If by chance the pop up flash is broken but everything else works, just buy a speed light external flash...these work better than pop up flashes anyhow. There is also methods of shooting in dimly lit environments as well as better lens that help in low light conditions.


----------



## Rody

TMHahn said:


> Rody, did you make sure the fall didn't turn the wheel to "no flash?" If you look at the top of the camera, as pictured below, one click away from "Auto" is the "no flash" option.
> 
> View attachment 50539



Oh, i've turned that wheel 10 times in different directions, pressed that flash button too, did reset to all settings, restart...Nothing! Might need to take it to a specialist. 
Thanks!


----------



## Tailgunner

Rody said:


> TMHahn said:
> 
> 
> 
> Rody, did you make sure the fall didn't turn the wheel to "no flash?" If you look at the top of the camera, as pictured below, one click away from "Auto" is the "no flash" option.
> 
> View attachment 50539
> 
> 
> 
> 
> Oh, i've turned that wheel 10 times in different directions, pressed that flash button too, did reset to all settings, restart...Nothing! Might need to take it to a specialist.
> Thanks!
Click to expand...


It's possible to cut the flash on/off in other ways. 

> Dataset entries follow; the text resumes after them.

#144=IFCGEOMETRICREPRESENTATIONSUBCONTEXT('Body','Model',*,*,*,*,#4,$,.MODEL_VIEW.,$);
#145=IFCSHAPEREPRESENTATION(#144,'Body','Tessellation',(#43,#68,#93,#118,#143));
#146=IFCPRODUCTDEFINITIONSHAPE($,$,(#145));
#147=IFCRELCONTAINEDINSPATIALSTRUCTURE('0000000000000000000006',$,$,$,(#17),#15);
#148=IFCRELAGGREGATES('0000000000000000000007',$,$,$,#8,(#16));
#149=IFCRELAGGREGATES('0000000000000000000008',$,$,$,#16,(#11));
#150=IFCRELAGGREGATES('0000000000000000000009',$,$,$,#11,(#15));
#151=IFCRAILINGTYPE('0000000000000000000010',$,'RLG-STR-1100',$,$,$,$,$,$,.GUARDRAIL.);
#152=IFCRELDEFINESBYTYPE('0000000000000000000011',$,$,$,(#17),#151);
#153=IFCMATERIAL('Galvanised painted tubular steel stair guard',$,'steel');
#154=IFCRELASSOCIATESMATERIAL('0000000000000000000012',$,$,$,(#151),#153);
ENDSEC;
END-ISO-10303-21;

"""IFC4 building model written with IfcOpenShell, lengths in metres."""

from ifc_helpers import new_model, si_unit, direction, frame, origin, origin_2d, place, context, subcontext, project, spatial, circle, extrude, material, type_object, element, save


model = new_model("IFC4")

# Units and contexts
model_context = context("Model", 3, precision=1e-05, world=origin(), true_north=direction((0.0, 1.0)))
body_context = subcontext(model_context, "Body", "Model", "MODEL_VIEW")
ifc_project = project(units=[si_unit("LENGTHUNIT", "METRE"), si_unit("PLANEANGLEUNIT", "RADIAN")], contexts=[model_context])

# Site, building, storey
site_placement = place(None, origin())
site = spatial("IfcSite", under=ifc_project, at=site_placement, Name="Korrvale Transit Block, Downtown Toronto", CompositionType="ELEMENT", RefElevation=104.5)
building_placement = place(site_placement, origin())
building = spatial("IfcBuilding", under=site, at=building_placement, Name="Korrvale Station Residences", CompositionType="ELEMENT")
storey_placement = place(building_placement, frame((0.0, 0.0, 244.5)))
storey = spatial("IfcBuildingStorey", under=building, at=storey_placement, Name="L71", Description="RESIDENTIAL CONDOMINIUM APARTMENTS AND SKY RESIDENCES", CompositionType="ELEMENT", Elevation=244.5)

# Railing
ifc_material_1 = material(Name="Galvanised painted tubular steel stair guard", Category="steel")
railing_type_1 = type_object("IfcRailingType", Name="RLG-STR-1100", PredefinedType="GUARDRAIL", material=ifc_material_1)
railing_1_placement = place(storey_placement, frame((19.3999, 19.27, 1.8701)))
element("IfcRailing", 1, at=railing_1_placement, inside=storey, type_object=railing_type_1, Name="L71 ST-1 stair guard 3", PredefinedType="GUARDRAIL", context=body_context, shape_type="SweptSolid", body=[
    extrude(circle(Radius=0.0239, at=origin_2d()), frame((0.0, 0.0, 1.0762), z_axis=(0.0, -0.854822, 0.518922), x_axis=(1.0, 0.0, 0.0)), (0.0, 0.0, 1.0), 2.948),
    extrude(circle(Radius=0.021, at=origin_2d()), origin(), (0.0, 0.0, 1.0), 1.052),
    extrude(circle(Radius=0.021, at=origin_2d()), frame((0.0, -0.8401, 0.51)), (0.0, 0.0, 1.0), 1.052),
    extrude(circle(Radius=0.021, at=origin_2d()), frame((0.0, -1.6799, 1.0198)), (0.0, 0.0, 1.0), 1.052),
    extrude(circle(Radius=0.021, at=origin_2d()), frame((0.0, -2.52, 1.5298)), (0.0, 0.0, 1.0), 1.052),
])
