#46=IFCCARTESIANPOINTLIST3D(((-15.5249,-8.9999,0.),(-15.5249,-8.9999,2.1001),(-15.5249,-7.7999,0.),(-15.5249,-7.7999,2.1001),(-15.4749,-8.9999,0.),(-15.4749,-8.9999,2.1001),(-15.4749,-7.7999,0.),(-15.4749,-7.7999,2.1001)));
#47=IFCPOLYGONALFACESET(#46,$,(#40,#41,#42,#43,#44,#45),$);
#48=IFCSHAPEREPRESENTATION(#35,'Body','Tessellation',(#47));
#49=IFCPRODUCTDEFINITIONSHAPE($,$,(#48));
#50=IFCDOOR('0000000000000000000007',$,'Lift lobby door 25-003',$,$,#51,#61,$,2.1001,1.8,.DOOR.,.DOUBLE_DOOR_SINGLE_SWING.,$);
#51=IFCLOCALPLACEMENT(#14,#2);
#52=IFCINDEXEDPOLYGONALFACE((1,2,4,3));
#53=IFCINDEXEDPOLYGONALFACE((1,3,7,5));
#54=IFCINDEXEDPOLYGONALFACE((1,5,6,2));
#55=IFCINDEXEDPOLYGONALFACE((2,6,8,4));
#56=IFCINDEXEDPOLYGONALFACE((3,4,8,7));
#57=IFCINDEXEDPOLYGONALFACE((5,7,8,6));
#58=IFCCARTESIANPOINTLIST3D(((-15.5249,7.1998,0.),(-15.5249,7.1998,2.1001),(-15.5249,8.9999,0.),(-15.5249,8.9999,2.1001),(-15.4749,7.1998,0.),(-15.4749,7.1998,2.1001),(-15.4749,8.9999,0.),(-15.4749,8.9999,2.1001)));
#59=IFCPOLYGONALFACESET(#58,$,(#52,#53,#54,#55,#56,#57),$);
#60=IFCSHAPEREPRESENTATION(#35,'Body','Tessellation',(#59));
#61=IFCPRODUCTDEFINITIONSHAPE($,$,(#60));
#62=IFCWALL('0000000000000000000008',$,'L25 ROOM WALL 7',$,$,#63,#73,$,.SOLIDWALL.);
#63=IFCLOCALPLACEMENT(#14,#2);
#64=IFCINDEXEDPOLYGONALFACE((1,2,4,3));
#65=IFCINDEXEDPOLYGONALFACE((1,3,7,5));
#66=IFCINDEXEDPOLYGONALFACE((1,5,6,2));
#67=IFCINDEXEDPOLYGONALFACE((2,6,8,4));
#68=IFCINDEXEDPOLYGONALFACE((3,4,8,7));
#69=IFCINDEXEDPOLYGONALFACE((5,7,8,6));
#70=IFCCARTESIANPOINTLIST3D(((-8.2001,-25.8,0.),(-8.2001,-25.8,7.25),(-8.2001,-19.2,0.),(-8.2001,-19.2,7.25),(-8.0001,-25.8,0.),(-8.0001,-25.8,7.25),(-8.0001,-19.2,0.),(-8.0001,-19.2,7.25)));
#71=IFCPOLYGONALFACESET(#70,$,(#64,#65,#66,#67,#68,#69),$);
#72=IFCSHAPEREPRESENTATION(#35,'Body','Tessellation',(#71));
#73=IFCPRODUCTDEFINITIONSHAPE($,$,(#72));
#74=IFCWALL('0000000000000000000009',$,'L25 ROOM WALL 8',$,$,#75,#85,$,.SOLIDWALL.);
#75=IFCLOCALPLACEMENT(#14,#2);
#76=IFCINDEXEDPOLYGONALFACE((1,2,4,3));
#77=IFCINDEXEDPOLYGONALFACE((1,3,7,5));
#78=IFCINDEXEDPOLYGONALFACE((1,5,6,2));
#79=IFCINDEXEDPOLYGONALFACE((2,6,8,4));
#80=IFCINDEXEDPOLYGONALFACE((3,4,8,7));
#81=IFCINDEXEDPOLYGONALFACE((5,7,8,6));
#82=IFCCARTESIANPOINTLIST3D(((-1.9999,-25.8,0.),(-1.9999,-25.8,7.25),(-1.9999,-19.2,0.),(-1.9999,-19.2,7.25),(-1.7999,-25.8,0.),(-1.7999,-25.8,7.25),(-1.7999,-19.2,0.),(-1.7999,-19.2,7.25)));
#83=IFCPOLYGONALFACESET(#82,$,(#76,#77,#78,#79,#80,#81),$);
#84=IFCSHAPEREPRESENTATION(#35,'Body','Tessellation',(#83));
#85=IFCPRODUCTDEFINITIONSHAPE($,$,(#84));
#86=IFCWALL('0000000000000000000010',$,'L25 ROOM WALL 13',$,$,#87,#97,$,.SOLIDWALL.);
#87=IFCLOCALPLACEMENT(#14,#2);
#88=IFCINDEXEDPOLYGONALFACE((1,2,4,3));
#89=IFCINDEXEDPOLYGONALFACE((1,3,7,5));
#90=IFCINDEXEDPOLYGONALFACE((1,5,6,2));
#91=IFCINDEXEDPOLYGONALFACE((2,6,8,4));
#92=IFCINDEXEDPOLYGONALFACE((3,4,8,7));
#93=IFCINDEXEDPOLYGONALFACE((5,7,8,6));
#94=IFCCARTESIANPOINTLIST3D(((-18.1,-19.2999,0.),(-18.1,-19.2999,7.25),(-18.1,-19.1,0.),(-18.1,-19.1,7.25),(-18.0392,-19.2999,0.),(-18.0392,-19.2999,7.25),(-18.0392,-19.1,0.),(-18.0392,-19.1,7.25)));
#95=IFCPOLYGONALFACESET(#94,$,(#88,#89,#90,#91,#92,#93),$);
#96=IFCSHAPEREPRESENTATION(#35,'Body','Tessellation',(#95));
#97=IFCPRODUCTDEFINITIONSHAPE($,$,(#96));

There is a flash button on the left side of the lens, hold button while looking through the view finder, then turn the dial and look for a flash icon.


----------



## apvm

Rody said:


> TMHahn said:
> 
> 
> 
> Rody, did you make sure the fall didn't turn the wheel to "no flash?" If you look at the top of the camera, as pictured below, one click away from "Auto" is the "no flash" option.
> 
> View attachment 50539
> 
> 
> 
> 
> Oh, i've turned that wheel 10 times in different directions, pressed that flash button too, did reset to all settings, restart...Nothing! Might need to take it to a specialist.
> Thanks!
Click to expand...


Time for specialist since the flash will not pop up when pressed the flash button while at  P, S, A or M mode.  IMO, something went wrong with the flash mechanism after the fall.


----------